On my most recent trip, in July, I conducted another workshop and chocolate tasting for the leaders of the Cooperative. Edwin made me a honorary member of the Cooperative. It’s a recognition that means a great deal to me.

A better way of life

As dark chocolate increases in popularity, larger chocolate manufacturers are increasingly interested in these farmers’ wonderful beans. There’s a potential to bring back a way of life that is good for all involved, not exploitative or damaging to the environment. Within 5 to 10 years, when the trees are productive, Costa Rica is going to be a hot market for cacao. What the farmers and their families do now will set the stage for better lives for their children and a strong new tradition of cacao.
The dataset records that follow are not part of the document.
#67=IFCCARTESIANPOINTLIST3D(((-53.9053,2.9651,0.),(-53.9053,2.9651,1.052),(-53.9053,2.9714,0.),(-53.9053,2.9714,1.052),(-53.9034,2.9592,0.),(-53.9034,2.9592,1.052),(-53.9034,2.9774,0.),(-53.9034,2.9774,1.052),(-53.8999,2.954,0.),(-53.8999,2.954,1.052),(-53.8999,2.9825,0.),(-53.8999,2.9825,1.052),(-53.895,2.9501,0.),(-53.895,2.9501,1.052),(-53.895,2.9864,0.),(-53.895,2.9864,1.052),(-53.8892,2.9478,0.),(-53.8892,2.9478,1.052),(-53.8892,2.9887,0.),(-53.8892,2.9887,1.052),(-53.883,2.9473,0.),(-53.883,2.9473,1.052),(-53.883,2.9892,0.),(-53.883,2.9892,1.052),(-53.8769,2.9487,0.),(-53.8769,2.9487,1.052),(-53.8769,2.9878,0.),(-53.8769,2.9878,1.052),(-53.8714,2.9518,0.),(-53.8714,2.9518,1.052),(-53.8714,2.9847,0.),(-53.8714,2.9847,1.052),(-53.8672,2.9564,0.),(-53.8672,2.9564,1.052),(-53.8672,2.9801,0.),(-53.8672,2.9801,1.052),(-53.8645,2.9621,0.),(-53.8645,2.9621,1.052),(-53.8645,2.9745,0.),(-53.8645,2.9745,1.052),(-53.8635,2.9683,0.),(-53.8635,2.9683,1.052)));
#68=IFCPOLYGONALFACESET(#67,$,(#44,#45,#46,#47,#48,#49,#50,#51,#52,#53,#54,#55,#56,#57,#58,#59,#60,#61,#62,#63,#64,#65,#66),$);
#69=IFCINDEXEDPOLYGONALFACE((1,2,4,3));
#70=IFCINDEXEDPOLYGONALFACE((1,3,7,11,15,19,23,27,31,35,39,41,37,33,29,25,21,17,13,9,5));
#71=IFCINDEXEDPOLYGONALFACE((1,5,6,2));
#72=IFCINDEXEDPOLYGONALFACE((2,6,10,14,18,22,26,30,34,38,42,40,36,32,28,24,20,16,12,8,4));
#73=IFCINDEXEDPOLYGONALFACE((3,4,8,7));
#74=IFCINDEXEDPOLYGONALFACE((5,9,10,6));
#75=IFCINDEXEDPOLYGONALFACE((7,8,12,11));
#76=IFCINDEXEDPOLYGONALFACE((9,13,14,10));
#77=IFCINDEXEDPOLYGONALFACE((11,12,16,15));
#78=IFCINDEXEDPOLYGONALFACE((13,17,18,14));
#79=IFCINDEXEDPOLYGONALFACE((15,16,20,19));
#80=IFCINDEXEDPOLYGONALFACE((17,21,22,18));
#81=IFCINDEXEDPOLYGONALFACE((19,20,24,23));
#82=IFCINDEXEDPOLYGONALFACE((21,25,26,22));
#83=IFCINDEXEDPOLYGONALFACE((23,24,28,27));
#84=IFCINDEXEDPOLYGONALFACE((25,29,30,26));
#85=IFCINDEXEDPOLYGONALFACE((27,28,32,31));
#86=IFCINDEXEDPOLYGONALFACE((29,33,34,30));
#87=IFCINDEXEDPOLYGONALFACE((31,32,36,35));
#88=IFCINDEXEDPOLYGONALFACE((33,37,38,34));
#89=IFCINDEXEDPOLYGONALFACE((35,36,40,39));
Geovanny, Edwin and the many hard-working farmers of the Cooperative have become friends. As a newly minted member of their Cooperative, I’m tied to them in profound and lasting ways and share their goal of helping the cacao growers in Upala.

After my workshops, the women of Upala are trying to work out the logistics of making chocolate. It’s a hot, humid climate, making conditions difficult, but there are seeking out an air-conditioned place to work. I hope to help them in any way I can and will continue to return to Costa Rica, sharing my knowledge of the end product and its marketing. Both in Costa Rica and in the U.S., I’m passionate about helping women reach their potential—just as other women have helped me.

For the cacao growers of Upala, there is a growing realization that they have opportunities. They may be isolated, but there are connections to the world available to them. I will keep going back to Hugo’s farm and Upala, where I’ve met others who share my passion for chocolate and sustainable living. I’m proud to use their chocolate and be a small part of this renaissance.